Ruth Institute: Commission on unalienable rights did a good, not great, job

Ruth Institute: Commission on unalienable rights did a good, not great, job

The United States Commission on Unalienable Rights has issued its long-awaited report, and, not surprisingly, sexual radicals have launched an all-out attack.

Ruth Institute President Dr. Jennifer Roback Morse stated: “We applaud the Commission for an excellent exposition of the origins of human rights. But we wish it had gone further and issued a strong defense of the natural rights that are currently under assault.”

The Commission’s report pointedly did not mention the right to life, or children’s rights to a relationship with both of their parents, or parents’ rights to educate their children.

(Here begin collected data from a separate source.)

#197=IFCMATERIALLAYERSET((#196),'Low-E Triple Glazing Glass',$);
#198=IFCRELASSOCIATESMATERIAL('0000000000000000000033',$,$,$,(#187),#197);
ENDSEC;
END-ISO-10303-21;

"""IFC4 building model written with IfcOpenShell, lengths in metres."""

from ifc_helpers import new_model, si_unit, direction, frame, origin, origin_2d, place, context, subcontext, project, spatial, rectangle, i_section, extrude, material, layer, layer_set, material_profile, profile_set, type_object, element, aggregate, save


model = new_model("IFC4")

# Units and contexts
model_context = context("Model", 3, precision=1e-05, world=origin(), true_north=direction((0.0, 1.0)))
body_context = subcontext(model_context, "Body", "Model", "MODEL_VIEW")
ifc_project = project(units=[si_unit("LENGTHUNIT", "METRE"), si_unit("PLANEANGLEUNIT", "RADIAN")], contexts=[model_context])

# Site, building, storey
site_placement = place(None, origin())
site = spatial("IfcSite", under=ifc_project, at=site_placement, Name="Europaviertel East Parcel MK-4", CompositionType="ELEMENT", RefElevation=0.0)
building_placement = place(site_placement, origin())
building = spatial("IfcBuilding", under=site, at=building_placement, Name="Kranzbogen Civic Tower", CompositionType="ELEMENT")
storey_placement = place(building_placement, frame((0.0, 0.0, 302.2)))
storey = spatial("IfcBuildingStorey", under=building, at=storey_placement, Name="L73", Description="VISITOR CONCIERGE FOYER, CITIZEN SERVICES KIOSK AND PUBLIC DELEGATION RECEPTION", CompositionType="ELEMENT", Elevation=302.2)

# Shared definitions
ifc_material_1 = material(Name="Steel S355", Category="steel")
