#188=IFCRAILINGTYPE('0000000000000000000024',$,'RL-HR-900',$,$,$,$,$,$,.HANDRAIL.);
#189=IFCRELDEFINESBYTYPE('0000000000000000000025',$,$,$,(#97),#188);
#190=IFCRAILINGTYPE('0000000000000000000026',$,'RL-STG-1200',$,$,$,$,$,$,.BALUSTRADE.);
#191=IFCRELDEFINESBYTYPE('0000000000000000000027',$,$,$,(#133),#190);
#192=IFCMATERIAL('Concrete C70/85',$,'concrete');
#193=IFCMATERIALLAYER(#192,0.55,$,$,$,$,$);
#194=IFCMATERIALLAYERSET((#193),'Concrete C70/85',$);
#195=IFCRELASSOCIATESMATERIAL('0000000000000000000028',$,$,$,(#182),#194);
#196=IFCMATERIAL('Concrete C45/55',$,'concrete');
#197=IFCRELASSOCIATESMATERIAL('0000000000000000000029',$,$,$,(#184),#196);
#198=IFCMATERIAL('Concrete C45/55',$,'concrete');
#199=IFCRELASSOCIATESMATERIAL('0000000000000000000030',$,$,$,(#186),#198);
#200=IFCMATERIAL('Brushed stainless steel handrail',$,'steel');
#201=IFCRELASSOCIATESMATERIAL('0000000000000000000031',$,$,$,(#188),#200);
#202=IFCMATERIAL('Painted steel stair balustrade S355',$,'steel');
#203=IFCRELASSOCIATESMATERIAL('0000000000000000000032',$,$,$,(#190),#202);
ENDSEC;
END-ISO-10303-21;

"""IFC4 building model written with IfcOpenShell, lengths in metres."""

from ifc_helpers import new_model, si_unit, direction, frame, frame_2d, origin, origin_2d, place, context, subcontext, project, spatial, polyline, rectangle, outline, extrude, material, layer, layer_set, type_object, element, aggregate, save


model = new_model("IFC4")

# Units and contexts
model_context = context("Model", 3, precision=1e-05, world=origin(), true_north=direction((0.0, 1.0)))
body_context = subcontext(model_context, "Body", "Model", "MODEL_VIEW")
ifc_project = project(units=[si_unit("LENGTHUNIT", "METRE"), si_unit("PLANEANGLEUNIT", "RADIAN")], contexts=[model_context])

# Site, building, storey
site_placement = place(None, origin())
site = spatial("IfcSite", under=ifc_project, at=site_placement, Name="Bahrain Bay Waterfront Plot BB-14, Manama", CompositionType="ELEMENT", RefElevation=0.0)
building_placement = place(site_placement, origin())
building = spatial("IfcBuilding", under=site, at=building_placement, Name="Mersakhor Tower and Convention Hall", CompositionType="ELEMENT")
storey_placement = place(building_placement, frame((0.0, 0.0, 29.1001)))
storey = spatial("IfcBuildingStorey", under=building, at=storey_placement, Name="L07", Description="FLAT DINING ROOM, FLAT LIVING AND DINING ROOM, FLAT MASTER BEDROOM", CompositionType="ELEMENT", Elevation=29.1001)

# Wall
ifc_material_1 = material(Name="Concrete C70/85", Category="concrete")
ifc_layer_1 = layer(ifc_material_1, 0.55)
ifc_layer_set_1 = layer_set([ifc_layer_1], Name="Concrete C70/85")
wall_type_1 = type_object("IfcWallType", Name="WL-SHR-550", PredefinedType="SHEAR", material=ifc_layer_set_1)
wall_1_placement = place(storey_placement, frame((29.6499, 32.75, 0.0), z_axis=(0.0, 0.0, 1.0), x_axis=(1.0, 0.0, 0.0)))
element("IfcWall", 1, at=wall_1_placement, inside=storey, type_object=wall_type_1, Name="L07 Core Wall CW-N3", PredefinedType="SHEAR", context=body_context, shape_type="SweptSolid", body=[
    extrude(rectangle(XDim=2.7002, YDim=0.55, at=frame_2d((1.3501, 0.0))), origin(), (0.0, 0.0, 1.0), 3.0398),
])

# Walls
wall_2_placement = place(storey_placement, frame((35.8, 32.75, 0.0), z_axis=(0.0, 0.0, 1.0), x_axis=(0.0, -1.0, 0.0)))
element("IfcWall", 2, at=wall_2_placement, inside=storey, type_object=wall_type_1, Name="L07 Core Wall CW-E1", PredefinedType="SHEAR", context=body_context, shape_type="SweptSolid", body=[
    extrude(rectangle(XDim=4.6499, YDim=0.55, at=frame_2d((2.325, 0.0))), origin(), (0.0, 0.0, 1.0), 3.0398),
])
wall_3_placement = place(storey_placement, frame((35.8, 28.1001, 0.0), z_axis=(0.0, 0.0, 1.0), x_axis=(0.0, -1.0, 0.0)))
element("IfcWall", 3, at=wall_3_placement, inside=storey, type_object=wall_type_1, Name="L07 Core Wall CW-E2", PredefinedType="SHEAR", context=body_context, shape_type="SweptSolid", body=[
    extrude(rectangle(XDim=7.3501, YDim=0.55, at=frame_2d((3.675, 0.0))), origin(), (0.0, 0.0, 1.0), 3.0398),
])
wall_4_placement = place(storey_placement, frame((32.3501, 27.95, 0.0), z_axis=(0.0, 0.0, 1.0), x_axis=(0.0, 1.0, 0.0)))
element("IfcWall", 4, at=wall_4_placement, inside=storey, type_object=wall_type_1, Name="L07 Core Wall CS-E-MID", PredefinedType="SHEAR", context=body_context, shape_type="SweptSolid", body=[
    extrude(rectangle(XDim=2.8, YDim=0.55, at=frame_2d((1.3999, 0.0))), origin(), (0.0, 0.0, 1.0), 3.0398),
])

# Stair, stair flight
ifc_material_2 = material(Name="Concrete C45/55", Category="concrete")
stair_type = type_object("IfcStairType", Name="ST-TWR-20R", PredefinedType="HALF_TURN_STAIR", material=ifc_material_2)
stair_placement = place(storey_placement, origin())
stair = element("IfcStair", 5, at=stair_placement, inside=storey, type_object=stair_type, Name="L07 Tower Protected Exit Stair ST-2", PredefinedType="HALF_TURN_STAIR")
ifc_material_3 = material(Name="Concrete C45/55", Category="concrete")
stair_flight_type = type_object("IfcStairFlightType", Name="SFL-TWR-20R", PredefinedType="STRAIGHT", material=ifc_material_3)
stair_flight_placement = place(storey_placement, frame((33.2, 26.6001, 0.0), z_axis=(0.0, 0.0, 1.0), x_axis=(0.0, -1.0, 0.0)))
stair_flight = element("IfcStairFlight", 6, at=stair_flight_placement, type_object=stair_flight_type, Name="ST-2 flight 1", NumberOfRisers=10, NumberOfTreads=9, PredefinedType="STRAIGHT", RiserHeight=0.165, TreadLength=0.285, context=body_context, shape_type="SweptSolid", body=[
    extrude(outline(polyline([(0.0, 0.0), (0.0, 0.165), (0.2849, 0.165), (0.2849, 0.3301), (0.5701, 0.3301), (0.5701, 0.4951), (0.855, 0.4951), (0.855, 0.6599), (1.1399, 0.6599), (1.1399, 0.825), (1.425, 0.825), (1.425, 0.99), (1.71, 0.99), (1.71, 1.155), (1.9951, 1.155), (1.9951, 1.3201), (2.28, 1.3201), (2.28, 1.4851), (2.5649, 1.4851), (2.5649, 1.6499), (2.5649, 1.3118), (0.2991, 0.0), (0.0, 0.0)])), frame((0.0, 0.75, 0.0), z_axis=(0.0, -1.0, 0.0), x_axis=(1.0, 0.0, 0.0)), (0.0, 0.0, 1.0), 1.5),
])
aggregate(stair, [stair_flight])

“Sexual radicals will not be satisfied by anything less than total surrender to their ideological agenda,” Morse said. “No sooner was the report issued than groups like Planned Parenthood and the LGBT Human Rights Campaign began attacking it. Instead of trying to avoid controversy, the Commission should have come out unequivocally for the rights to life and man-woman marriage.”

Morse noted: “The sexual ideologues called the Report an attempt to ‘substitute the ideology of the administration’ for recognition and protection of reproductive and LGBT rights as ‘human rights imperatives.’ These ‘imperatives’ are pure fantasy.”

Morse continued, “The rights they assert to be ‘universal’ were created by activist courts and were unknown a few decades ago. The right to life and the definition of marriage are based on natural law and were recognized in U.S. law until overturned by bad Supreme Court decisions.”

“The distinguished Commission on Unalienable Rights did an admirable job of tracing the development of rights in the United States,” Morse explained. “Then it stopped short of defending the right to life.” The Commission was appointed by Secretary of State Mike Pompeo to advise the State Department on the origins of human rights, to help it in its dealings with foreign governments and international bodies.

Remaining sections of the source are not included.